# Finally! My old rocker project is finished.



## Ruth n Jersey (Jun 22, 2017)

This turned into a bit more work than anticipated but It is finally finished. For those who didn't see the original condition I reposted the photo. I found the rocker on the side of the road and just couldn't leave it there. Some said I shouldn't take it apart but it sort of just fell apart. Easier to paint in pieces. Getting it back together was another story. I wish I could say I accomplished it all by myself but my Son had to get it back. A bit of paint had gotten in the holes and that needed to be scraped out. I then coated everything with Titebond wood glue that he uses in his cabinetry business. He then had to use a mallet and more strength than I could ever have and pounded the pieces together. I really doubt it will ever come apart. The only thing missing are two smaller panels on each side on the back. I couldn't find a piece of wood thin enough to fit. I only wanted the rocker for display anyway.The flowers are in my Dad's old lunch box from the 50's. He used it every single day of his working life.  I knew that some day I would have a use for it. I spray painted it and thought it went well with the old rocker. We have an overhang on our front porch and I will put it in our garage over the winter. Hopefully it will last awhile. I think in the future I will think twice about dragging things home that I see, but I can't promise.


----------



## jujube (Jun 22, 2017)

Oh, that's lovely!  You did a great job.


----------



## Temperance (Jun 22, 2017)

You did such a wonderful job.  It's lovely.


----------



## NancyNGA (Jun 22, 2017)

It's perfect, Ruth.   You did a great job.  Love the decals (Or did you paint those flowers?)


----------



## Aunt Bea (Jun 22, 2017)

Very nice!!!


----------



## Ruth n Jersey (Jun 22, 2017)

Thanks, it was fun. At the very least it beats the plastic chair I had out there from Home Depot. Nancy,the flowers are stenciled on.


----------



## Ina (Jun 22, 2017)

I bet every time you see it, you'll enjoy knowing that you and your son put a little extra love and care into something that no one else wanted anymore.  You have given a poor litte throwaway new life.  Good job.  :thumbsup:  :applause2:


----------



## Falcon (Jun 22, 2017)

Oh  WOW !   What a beautiful job you did  Ruth.  Well worth the effort.

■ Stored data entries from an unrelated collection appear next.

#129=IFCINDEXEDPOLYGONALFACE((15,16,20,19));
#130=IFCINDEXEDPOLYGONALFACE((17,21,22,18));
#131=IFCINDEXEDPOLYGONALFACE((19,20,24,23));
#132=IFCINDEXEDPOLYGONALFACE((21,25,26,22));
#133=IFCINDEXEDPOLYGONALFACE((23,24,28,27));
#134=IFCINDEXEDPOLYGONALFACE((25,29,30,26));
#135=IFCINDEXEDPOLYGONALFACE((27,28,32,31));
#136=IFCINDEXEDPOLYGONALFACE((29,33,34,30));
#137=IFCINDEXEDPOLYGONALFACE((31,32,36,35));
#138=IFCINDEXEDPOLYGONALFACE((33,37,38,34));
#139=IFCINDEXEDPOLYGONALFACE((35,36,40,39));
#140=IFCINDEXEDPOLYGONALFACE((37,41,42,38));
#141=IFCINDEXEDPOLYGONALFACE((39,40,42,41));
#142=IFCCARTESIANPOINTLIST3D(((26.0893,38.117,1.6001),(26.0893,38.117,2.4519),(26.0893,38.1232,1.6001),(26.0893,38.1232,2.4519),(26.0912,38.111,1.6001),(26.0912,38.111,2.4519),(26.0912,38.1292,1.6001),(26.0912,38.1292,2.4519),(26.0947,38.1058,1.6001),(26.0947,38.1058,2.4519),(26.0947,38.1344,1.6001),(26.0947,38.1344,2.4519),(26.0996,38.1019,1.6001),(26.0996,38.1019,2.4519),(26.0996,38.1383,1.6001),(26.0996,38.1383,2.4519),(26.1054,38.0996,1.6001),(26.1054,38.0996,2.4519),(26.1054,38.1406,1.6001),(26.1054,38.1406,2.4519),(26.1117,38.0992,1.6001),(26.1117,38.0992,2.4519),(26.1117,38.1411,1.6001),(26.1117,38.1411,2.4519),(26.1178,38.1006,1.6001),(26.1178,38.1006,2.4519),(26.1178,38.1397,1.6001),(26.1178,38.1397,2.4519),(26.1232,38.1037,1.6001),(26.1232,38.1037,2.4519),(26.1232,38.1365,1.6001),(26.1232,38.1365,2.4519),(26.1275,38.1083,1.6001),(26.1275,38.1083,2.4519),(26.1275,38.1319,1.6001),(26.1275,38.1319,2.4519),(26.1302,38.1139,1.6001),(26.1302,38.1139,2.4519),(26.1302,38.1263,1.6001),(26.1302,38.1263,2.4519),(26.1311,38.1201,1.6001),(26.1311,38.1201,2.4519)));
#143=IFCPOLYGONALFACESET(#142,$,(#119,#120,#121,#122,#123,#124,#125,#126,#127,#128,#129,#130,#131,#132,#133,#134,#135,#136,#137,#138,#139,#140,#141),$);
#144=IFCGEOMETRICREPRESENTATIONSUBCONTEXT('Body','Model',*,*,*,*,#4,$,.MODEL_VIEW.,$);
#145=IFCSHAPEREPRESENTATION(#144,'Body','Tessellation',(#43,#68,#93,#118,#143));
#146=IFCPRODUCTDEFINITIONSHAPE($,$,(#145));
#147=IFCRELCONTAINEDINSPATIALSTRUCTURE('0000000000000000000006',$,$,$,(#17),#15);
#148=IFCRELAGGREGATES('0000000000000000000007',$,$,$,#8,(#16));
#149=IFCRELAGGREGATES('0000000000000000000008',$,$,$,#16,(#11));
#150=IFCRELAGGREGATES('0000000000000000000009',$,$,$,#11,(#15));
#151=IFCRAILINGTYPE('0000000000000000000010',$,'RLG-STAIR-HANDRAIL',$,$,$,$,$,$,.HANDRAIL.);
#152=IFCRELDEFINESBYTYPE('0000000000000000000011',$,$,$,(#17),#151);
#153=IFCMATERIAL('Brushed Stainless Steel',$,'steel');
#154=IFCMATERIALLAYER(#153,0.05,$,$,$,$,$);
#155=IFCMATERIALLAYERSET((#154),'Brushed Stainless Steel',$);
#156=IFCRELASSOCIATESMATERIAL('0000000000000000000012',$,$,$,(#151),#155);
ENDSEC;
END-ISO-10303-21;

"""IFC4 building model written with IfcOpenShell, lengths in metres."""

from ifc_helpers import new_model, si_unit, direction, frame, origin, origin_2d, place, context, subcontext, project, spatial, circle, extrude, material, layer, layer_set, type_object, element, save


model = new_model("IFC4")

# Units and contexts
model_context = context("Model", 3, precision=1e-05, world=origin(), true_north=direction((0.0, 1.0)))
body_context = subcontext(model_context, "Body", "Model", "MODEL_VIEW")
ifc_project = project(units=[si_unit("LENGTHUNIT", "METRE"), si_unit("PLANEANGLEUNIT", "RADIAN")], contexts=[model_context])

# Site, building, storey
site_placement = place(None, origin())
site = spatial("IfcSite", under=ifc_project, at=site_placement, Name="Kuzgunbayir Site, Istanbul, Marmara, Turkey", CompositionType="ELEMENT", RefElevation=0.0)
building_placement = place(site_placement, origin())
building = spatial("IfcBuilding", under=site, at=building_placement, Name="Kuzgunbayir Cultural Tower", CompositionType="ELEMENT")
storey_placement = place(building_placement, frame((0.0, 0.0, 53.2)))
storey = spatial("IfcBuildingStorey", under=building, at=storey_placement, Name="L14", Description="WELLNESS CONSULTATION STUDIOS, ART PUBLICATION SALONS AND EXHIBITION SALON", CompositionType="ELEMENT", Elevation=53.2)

I wish the people who threw it away could see this !


----------



## Shalimar (Jun 22, 2017)

Gorgeous!


----------



## helenbacque (Jun 22, 2017)

It's lovely.  Is it as comfortable as it looks?


----------



## SeaBreeze (Jun 22, 2017)

Beautiful job Ruth, looks like you put a lot of skill and work into your project.....I love the result, something to be very proud of!  :applause2:


----------



## Dudewho (Jun 22, 2017)




----------



## Pam (Jun 22, 2017)

I love it! It's beautiful.


----------



## street (Jun 25, 2017)

Nicely done.


----------



## Stormy (Jun 25, 2017)

Very nice


----------



## Camper6 (Jun 25, 2017)

Fits right in and looks at home. Good Job.:thumbsup1:


----------



## Butterfly (Jun 26, 2017)

It's lovely!  Good job.


----------